As ECM solutions have evolved, new components have emerged. For example, as content is checked in and out, each use generates new metadata about the content, to some extent automatically; information about how and when people use the content can allow the system to gradually acquire new filtering, routing and search pathways, corporate taxonomies and semantic networks, and retention-rule decisions. Email and instant messaging feature increasingly in decision-making processes; ECM can provide access to data about these communications, which can be used[by whom?] in business decisions.

Solutions can provide intranet services to employees (B2E), and can also include enterprise portals for business-to-business (B2B), business-to-government (B2G), government-to-business (G2B), or other business relationships. This category includes most former document-management groupware and workflow solutions that have not yet fully converted their architecture to ECM, but provide a Web interface. Digital asset management is a form of ECM concerned with content stored using digital technology.


Content management includes ECM, Web content management (WCM), content syndication, and media asset management. Enterprise content management is not a closed-system solution or a distinct product category. Therefore, along with Document Related Technologies or Document Lifecycle Management, ECM is just one possible catch-all term for a wide range of technologies and vendors.

The content and structure of today's outward-directed Web portal will be the platform for tomorrow's internal information system. In his article in Computerwoche,[3] Ulrich Kampffmeyer distilled ECM to three key ideas that distinguish such solutions from Web content management:

Enterprise content management as integrative middleware
ECM is used to overcome the restrictions of former vertical applications and island architectures. The user is basically unaware of using an ECM solution. ECM offers the requisite infrastructure for the new world of Web-based IT, which is establishing itself as a kind of third platform alongside conventional host and client/server systems. Therefore, EAI (enterprise application integration) and SOA (service-oriented architecture) will play an important role in the implementation and use of ECM.

Enterprise content management components as independent services
ECM is used to manage information without regard to the source or the required use. The functionality is provided as a service that can be used from all kinds of applications. The advantage of a service concept is that for any given functionality only one general service is available, thus avoiding redundant, expensive and difficult to maintain parallel functions.
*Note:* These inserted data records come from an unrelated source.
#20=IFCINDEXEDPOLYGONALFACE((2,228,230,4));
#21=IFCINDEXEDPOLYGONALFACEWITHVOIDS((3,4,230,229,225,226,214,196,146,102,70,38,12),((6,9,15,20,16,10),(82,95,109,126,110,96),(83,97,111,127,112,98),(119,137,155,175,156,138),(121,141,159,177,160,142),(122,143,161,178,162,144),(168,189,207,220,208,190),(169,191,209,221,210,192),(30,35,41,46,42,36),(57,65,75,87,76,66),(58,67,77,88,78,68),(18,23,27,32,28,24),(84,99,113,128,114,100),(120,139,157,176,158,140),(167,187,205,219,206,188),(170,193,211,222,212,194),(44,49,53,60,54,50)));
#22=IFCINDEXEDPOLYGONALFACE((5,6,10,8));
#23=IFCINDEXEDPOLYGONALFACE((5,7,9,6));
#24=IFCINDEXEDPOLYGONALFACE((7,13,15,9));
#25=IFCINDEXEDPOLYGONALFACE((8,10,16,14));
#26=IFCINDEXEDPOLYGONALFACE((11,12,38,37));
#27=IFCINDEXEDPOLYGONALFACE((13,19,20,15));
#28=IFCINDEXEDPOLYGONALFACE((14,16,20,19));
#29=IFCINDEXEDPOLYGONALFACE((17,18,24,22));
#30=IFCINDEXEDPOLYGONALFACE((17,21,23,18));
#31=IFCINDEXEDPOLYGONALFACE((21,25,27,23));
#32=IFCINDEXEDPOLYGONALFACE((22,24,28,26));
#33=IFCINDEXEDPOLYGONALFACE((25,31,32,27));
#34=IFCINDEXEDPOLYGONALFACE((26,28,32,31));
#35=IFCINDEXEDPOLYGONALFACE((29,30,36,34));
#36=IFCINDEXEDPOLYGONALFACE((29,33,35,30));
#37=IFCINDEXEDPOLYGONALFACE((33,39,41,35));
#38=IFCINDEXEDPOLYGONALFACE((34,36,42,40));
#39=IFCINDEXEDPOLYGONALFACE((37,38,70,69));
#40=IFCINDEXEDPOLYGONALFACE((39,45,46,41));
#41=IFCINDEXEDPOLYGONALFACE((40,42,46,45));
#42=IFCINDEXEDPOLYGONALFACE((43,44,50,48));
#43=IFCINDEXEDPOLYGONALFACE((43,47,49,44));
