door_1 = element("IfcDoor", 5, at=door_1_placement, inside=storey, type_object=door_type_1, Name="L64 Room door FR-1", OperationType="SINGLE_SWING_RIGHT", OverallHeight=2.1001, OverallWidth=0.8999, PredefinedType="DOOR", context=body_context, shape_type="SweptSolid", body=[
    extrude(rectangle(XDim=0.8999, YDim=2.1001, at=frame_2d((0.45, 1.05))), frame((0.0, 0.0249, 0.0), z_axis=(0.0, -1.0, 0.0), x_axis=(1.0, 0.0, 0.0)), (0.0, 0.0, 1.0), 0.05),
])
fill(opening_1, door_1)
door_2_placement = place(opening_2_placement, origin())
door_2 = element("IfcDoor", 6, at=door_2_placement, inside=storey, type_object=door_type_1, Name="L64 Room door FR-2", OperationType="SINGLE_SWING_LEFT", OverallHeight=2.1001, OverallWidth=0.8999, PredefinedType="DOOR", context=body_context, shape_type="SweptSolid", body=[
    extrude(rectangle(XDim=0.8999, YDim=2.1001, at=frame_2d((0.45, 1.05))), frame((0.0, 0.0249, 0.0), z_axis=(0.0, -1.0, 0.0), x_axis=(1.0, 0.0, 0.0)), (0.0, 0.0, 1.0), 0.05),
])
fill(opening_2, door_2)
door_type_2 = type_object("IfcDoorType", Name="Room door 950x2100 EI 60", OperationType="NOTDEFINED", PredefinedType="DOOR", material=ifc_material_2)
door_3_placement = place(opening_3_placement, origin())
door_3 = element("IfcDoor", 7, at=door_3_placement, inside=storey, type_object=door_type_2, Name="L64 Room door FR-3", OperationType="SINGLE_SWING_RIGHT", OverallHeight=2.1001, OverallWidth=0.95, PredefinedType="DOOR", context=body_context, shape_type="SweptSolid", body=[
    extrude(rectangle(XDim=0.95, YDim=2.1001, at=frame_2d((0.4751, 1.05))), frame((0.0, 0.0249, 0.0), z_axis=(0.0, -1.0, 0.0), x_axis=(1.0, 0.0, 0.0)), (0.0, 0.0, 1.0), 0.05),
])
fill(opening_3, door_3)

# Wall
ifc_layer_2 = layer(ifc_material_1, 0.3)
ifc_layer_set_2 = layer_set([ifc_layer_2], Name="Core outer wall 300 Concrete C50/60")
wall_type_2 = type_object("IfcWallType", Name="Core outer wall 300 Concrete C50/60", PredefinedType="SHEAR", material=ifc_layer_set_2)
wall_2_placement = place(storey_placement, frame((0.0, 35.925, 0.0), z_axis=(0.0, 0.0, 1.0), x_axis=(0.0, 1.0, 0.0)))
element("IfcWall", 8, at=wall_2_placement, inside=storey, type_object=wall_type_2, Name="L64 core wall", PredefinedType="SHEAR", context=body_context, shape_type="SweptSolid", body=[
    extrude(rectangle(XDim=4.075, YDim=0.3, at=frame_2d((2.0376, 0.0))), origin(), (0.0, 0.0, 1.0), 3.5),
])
Therefore, standards for interfaces connecting different services will play an important role in the implementation of ECM.

Enterprise content management as a uniform repository for all types of information
ECM is used as a content warehouse (both data warehouse and document warehouse) that combines company information in a repository with a uniform structure. Expensive redundancies and associated problems with information consistency are eliminated. All applications deliver their content to a single repository, which in turn provides needed information to all applications. Therefore, content integration and ILM (Information Lifecycle Management) will play an important role in the implementation and use of ECM. Enterprise content management is working properly when it is effectively "invisible" to users. ECM technologies are infrastructures that support specialized applications as subordinate services.

ECM thus is a collection of infrastructure components that fit into a multi-layer model and include all document related technologies (DRT) for handling, delivering, and managing structured data and unstructured information jointly. As such, enterprise content management is one of the necessary basic components of the overarching e-business application area. ECM also sets out to manage all the information of a WCM and covers archiving needs as a universal repository.